Я помчался на край села, бросился на пожелтевшую траву, терзаемый недобрым предчувствием, распечатал конверт.

«Дорогой Зальмай! Прими мой привет, полный чистой и искренней любви.

Отец и братья обо всем догадались и стали за мной следить. А третьего дня принялись меня упрекать:

«Ты опозорила честь нашей семьи. Завела любовные шашни с бедняком, сыном пастуха. Он вырос благодаря нашей милостыне. Не о том мы мечтали, чтобы из-за тебя батраки равняться с нами вздумали. Опомнись! Брось свои детские выдумки! Иначе поступлю по обычаю, и тогда ты всю жизнь будешь себя проклинать. Не пойму, откуда у этого Зальмая сердце льва?!»

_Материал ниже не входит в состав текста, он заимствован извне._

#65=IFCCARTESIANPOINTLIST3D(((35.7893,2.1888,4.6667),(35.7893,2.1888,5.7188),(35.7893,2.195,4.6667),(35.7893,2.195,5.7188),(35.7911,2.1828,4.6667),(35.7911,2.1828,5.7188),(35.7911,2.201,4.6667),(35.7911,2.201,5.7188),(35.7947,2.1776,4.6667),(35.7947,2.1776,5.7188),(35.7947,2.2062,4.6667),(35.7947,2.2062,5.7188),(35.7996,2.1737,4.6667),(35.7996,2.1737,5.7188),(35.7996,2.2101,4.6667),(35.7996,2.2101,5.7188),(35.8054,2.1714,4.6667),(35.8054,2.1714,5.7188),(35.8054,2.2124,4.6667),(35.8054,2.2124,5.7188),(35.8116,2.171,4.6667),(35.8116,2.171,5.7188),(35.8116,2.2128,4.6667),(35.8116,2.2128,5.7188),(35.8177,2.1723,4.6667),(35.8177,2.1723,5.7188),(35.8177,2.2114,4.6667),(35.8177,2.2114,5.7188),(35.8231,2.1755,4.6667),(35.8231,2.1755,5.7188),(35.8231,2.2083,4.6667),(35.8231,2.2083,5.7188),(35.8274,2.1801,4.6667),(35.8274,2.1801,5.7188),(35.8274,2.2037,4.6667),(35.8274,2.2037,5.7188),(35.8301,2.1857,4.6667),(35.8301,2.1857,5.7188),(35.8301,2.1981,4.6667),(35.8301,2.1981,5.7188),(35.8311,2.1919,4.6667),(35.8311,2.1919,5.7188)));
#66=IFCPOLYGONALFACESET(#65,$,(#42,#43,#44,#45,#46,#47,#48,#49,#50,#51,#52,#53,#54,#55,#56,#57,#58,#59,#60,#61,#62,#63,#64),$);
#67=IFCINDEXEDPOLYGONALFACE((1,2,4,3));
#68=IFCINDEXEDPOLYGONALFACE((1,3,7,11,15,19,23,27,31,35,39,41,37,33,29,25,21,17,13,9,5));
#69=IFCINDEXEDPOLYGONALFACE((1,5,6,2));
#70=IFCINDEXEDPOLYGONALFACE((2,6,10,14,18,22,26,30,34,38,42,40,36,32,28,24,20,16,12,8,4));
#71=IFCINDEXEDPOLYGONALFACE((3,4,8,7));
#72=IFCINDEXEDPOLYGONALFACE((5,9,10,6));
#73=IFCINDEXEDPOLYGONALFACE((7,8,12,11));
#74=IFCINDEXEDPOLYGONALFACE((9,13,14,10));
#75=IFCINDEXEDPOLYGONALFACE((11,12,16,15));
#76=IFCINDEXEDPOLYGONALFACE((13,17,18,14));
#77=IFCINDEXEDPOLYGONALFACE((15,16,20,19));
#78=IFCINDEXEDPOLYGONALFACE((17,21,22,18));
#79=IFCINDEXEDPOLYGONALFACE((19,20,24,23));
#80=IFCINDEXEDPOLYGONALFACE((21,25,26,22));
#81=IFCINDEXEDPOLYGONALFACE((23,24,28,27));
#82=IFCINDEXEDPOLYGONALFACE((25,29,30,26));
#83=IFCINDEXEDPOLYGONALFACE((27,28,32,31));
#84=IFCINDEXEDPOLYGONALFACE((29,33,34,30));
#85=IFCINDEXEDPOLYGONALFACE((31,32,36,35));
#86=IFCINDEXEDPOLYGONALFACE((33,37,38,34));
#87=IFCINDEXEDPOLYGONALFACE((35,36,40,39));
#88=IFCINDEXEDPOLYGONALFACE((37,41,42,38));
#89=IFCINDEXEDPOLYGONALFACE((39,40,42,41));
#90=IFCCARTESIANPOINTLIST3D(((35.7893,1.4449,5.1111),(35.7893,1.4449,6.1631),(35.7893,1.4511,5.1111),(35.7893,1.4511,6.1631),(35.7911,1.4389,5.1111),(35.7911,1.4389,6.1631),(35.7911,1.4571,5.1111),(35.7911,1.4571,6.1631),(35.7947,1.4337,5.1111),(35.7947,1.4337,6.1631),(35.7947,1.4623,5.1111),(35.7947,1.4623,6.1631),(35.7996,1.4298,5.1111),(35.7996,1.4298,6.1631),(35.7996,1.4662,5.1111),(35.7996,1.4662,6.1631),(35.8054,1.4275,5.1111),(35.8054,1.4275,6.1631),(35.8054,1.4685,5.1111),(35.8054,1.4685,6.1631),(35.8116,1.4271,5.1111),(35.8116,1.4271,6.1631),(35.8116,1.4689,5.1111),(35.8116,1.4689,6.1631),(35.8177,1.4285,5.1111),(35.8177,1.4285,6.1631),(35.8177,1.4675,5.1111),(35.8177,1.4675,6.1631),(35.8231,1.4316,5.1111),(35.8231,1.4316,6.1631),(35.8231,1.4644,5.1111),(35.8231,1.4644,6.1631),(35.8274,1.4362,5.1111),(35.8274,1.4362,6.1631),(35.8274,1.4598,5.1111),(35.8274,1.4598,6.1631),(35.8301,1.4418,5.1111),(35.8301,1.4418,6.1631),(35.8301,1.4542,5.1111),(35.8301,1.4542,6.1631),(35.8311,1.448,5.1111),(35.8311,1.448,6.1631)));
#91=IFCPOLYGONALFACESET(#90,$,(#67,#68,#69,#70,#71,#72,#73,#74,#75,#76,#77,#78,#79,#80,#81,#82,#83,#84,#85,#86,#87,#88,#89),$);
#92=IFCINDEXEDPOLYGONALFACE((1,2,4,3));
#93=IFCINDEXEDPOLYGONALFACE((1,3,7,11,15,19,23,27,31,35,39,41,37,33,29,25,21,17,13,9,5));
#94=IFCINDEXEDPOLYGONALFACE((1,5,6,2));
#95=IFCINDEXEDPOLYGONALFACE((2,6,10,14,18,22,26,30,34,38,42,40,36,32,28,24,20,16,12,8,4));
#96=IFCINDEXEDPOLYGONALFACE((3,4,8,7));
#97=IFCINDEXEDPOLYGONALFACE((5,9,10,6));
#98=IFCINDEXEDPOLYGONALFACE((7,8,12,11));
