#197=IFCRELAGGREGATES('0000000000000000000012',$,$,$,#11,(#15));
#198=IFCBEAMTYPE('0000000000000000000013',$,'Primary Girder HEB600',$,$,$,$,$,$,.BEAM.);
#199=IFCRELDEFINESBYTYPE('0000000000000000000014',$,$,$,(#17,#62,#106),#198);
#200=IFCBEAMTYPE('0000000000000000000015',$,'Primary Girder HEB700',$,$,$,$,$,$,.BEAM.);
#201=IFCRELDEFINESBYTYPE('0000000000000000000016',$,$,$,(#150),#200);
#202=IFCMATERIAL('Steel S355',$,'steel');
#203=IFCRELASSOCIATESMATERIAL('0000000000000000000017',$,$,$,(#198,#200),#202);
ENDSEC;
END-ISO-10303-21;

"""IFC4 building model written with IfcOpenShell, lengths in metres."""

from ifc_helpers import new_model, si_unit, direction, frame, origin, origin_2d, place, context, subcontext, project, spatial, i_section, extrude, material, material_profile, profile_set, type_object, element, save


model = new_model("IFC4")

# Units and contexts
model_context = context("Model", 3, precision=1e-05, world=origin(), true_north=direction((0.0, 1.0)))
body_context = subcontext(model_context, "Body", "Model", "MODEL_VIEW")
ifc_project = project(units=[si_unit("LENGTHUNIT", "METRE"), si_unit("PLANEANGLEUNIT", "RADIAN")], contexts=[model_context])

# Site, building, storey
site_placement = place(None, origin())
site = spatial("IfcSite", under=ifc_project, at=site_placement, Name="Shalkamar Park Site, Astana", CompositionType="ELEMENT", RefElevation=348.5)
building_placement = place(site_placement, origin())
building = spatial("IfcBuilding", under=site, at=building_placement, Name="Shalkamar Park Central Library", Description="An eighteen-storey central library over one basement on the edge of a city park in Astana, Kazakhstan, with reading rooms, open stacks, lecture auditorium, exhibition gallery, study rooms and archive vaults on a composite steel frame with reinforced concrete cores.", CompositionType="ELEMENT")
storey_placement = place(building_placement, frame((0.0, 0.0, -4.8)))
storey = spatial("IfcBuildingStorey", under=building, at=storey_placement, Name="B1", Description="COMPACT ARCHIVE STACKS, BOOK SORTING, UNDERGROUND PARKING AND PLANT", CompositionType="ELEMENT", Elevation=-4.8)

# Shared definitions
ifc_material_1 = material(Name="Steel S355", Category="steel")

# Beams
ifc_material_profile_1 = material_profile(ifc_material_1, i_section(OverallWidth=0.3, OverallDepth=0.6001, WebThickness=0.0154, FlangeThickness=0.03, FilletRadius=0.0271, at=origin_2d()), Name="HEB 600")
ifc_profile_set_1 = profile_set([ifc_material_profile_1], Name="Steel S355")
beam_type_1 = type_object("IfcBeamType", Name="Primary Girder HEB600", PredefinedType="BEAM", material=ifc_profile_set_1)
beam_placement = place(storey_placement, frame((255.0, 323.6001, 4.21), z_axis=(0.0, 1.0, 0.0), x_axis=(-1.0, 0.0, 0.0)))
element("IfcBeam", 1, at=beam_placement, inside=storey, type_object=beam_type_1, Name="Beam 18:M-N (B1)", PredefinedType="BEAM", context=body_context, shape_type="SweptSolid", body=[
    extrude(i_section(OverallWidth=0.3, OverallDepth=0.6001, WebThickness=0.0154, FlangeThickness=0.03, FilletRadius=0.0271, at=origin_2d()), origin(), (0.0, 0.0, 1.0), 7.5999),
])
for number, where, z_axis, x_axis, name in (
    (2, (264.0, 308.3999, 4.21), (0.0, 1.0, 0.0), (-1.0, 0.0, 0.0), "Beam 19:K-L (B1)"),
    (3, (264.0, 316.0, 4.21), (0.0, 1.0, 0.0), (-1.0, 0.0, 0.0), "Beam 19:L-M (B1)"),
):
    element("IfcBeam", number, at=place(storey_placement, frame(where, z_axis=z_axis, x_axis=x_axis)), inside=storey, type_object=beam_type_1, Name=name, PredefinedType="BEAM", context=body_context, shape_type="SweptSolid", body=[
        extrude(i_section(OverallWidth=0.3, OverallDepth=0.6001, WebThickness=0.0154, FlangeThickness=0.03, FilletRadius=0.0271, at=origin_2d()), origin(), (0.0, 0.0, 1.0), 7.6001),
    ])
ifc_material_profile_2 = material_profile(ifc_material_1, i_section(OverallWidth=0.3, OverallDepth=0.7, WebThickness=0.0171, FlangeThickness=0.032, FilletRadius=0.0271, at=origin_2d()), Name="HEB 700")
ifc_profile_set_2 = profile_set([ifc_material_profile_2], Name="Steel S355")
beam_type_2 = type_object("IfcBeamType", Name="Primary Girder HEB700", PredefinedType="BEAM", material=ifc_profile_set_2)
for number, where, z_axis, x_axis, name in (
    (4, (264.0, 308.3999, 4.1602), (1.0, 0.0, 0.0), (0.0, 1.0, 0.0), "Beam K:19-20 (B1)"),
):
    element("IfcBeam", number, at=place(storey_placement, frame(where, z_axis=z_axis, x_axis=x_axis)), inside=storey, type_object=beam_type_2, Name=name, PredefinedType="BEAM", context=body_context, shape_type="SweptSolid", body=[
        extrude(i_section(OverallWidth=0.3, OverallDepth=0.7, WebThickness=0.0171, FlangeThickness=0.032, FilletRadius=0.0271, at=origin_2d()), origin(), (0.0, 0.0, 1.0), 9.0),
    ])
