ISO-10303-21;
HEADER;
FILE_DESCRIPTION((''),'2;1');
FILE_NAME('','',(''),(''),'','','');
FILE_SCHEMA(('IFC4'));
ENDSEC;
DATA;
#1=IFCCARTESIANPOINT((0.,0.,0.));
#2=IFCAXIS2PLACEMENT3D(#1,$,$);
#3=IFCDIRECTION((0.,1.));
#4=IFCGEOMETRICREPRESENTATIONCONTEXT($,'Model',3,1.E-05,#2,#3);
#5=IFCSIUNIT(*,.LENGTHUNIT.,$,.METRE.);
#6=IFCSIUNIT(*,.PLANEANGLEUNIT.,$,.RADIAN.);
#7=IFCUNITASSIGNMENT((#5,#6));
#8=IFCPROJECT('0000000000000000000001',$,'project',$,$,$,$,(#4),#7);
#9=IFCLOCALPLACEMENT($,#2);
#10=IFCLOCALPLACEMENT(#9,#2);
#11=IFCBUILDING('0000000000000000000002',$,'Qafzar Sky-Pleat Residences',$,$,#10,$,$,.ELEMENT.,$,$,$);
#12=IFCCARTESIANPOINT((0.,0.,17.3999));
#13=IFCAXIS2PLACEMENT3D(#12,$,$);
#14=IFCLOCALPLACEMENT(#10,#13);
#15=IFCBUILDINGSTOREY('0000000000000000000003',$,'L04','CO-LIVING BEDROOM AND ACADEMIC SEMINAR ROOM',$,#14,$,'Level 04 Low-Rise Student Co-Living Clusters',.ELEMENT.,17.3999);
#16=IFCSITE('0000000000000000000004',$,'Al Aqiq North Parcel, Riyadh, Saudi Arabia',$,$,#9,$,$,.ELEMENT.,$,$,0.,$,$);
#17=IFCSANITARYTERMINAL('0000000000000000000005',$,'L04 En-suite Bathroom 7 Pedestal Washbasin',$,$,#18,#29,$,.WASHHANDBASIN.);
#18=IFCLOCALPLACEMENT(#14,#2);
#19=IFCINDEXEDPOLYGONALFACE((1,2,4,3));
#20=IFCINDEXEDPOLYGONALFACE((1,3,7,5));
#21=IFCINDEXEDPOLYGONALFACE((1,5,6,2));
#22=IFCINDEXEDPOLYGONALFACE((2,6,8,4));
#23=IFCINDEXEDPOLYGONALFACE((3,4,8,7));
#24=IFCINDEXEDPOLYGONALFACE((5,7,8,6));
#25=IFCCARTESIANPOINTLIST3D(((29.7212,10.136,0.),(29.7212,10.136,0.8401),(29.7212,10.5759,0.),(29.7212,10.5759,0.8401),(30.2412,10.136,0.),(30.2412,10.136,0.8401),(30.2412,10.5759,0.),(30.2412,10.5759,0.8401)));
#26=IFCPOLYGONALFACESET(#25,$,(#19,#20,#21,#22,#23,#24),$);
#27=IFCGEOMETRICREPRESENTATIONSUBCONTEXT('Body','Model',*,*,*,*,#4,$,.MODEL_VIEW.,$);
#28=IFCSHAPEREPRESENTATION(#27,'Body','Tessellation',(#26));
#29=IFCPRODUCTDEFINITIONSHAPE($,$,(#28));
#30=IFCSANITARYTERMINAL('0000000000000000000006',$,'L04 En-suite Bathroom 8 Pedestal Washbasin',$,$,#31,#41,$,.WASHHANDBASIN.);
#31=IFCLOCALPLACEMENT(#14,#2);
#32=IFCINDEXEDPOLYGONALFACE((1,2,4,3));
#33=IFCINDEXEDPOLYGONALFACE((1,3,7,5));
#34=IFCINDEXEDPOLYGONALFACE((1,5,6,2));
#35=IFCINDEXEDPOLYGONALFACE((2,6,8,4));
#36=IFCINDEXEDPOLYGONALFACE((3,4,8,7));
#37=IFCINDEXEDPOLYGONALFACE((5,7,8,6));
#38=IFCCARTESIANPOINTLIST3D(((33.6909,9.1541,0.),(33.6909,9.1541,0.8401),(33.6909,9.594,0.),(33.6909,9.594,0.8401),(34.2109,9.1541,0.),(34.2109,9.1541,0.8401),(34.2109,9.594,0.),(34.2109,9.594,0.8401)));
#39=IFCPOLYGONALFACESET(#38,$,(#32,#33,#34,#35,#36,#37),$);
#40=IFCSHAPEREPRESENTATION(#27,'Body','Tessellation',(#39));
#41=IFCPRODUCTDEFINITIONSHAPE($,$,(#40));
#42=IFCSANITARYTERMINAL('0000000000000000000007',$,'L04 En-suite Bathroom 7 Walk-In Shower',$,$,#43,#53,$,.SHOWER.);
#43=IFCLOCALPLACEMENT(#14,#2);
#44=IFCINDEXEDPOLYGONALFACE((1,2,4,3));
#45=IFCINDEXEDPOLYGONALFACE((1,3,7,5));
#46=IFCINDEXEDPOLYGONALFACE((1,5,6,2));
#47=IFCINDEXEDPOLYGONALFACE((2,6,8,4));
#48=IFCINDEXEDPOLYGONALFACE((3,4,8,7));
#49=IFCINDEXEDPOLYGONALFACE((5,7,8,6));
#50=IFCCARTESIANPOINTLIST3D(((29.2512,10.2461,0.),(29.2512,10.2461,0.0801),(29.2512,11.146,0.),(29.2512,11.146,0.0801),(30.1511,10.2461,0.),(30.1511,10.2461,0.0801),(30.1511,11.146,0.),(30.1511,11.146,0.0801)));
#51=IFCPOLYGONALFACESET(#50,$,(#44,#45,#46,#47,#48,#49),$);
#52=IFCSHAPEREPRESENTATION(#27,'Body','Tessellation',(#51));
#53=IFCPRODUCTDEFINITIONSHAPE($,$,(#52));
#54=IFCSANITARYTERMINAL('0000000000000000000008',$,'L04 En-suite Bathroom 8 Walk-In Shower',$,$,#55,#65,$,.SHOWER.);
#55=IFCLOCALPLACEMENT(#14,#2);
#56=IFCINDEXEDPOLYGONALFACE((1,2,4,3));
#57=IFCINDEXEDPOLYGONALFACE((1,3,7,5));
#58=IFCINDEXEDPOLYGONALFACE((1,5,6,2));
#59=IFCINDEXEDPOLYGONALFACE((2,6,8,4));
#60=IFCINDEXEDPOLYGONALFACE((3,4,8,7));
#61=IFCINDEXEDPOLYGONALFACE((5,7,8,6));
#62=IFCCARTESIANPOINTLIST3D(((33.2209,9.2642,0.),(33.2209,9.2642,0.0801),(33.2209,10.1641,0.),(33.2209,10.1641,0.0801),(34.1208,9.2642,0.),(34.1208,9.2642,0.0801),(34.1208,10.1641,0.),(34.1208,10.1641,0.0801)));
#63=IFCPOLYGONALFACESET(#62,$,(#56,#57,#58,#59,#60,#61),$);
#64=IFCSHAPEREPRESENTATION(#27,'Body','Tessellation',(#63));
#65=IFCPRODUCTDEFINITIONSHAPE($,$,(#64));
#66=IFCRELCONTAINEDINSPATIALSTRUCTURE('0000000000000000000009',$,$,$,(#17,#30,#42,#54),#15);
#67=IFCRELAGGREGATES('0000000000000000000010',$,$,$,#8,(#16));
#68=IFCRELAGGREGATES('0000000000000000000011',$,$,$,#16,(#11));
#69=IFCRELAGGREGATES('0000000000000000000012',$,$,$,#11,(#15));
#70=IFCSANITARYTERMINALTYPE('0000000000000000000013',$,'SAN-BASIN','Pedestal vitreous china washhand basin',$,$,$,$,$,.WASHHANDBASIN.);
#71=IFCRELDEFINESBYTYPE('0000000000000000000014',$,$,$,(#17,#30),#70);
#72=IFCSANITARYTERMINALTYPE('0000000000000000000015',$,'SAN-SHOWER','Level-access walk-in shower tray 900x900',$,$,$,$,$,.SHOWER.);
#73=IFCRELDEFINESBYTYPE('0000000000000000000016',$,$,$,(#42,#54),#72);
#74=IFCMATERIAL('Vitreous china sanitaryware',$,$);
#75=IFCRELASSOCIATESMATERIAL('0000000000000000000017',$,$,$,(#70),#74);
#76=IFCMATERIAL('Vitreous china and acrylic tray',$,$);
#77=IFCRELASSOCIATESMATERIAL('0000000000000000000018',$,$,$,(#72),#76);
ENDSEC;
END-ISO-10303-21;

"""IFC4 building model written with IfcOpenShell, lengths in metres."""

from ifc_helpers import new_model, si_unit, direction, frame, origin, origin_2d, place, context, subcontext, project, spatial, rectangle, extrude, source, transform, mapped, material, type_object, element, save


model = new_model("IFC4")

# Units and contexts
model_context = context("Model", 3, precision=1e-05, world=origin(), true_north=direction((0.0, 1.0)))
body_context = subcontext(model_context, "Body", "Model", "MODEL_VIEW")
ifc_project = project(units=[si_unit("LENGTHUNIT", "METRE"), si_unit("PLANEANGLEUNIT", "RADIAN")], contexts=[model_context])

# Site, building, storey
site_placement = place(None, origin())
site = spatial("IfcSite", under=ifc_project, at=site_placement, Name="Al Aqiq North Parcel, Riyadh, Saudi Arabia", CompositionType="ELEMENT", RefElevation=0.0)
building_placement = place(site_placement, origin())
building = spatial("IfcBuilding", under=site, at=building_placement, Name="Qafzar Sky-Pleat Residences", CompositionType="ELEMENT")
storey_placement = place(building_placement, frame((0.0, 0.0, 17.3999)))
storey = spatial("IfcBuildingStorey", under=building, at=storey_placement, Name="L04", Description="CO-LIVING BEDROOM AND ACADEMIC SEMINAR ROOM", LongName="Level 04 Low-Rise Student Co-Living Clusters", CompositionType="ELEMENT", Elevation=17.3999)

# Sanitary terminals
ifc_material_1 = material(Name="Vitreous china sanitaryware")
sanitary_terminal_type_1 = type_object("IfcSanitaryTerminalType", Name="SAN-BASIN", Description="Pedestal vitreous china washhand basin", PredefinedType="WASHHANDBASIN", material=ifc_material_1)
shared_shape_1 = source(origin(), body_context, "Body", "SweptSolid", [
    extrude(rectangle(XDim=0.52, YDim=0.4399, at=origin_2d()), origin(), (0.0, 0.0, 1.0), 0.8401),
])
for number, where, z_axis, x_axis, name in (
    (1, (29.9812, 10.356, 0.0), (0.0, 0.0, 1.0), (1.0, 0.0, 0.0), "L04 En-suite Bathroom 7 Pedestal Washbasin"),
    (2, (33.9509, 9.374, 0.0), (0.0, 0.0, 1.0), (1.0, 0.0, 0.0), "L04 En-suite Bathroom 8 Pedestal Washbasin"),
):
    element("IfcSanitaryTerminal", number, at=place(storey_placement, frame(where, z_axis=z_axis, x_axis=x_axis)), inside=storey, type_object=sanitary_terminal_type_1, Name=name, PredefinedType="WASHHANDBASIN", context=body_context, shape_type="MappedRepresentation", body=[
        mapped(shared_shape_1, transform((0.0, 0.0, 0.0), x_axis=(1.0, 0.0, 0.0), y_axis=(0.0, 1.0, 0.0), z_axis=(0.0, 0.0, 1.0), scale=1.0)),
    ])
ifc_material_2 = material(Name="Vitreous china and acrylic tray")
sanitary_terminal_type_2 = type_object("IfcSanitaryTerminalType", Name="SAN-SHOWER", Description="Level-access walk-in shower tray 900x900", PredefinedType="SHOWER", material=ifc_material_2)
shared_shape_2 = source(origin(), body_context, "Body", "SweptSolid", [
    extrude(rectangle(XDim=0.8999, YDim=0.8999, at=origin_2d()), origin(), (0.0, 0.0, 1.0), 0.0801),
])
for number, where, z_axis, x_axis, name in (
    (3, (29.7012, 10.696, 0.0), (0.0, 0.0, 1.0), (1.0, 0.0, 0.0), "L04 En-suite Bathroom 7 Walk-In Shower"),
    (4, (33.6709, 9.7141, 0.0), (0.0, 0.0, 1.0), (1.0, 0.0, 0.0), "L04 En-suite Bathroom 8 Walk-In Shower"),
):
    element("IfcSanitaryTerminal", number, at=place(storey_placement, frame(where, z_axis=z_axis, x_axis=x_axis)), inside=storey, type_object=sanitary_terminal_type_2, Name=name, PredefinedType="SHOWER", context=body_context, shape_type="MappedRepresentation", body=[
        mapped(shared_shape_2, transform((0.0, 0.0, 0.0), x_axis=(1.0, 0.0, 0.0), y_axis=(0.0, 1.0, 0.0), z_axis=(0.0, 0.0, 1.0), scale=1.0)),
    ])

save(model, "model.ifc")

Зальмай, милый, долго придется ждать того дня, когда перед любовью будут равны и хан и бедняк. Наша с тобой любовь к добру не приведет. Нам надо расстаться. А то как бы отец с братьями тебя, не дай бог, не искалечили. Да хранит тебя бог!»

Мне было обидно за друга и я сказал:

— Зальмай! Эта любовь ничего не принесет тебе кроме несчастья. Не убивайся так! Возьми себя в руки.

Но, слушая меня, Зальмай еще больше расстроился.

— Будь что будет, — сказал он. — Ни разум, ни сердце меня не слушаются.

* * *

Кончился семестр. До экзаменов оставалось меньше месяца, когда Зальмая положили в больницу, а через несколько дней увезли домой. Врач рекомендовал переменить обстановку. А спустя месяц мы узнали о его безвременной смерти. Эта весть глубоко ранила наши сердца. Зальмая все очень любили.

Через три дня после похорон стало известно, что Зальмай в списке шестерых учащихся, которых посылают на учебу за границу. Увы! Зальмай был там, откуда не возвращаются.

Перевод с пушту Л. Яцевич

Полоумная

Всю жизнь до седых волос Лавангин-кака́[Кака́ — дядя, обращение к пожилому человеку.] занимался крестьянским трудом. Двадцать долгих лет пробатрачил и лишь тогда смог купить пару волов, чтобы работать по найму у землевладельцев за четвертую, а то и пятую долю урожая. Обливаясь потом, трудился он от зари до зари, не успевая, как говорится, зимой погреться, летом в тени посидеть. Наработается, бывало, так ему ни до чего.

Заботы и непосильный труд сделали свое дело — в сорок с лишним лет он выглядел совсем стариком. Весь в морщинах, клочковатая борода, белая, словно хлопок, передние зубы из-за беспрерывного жевания насвара2 выпали. Поэтому все в деревне звали его не иначе как Лавангин-кака́.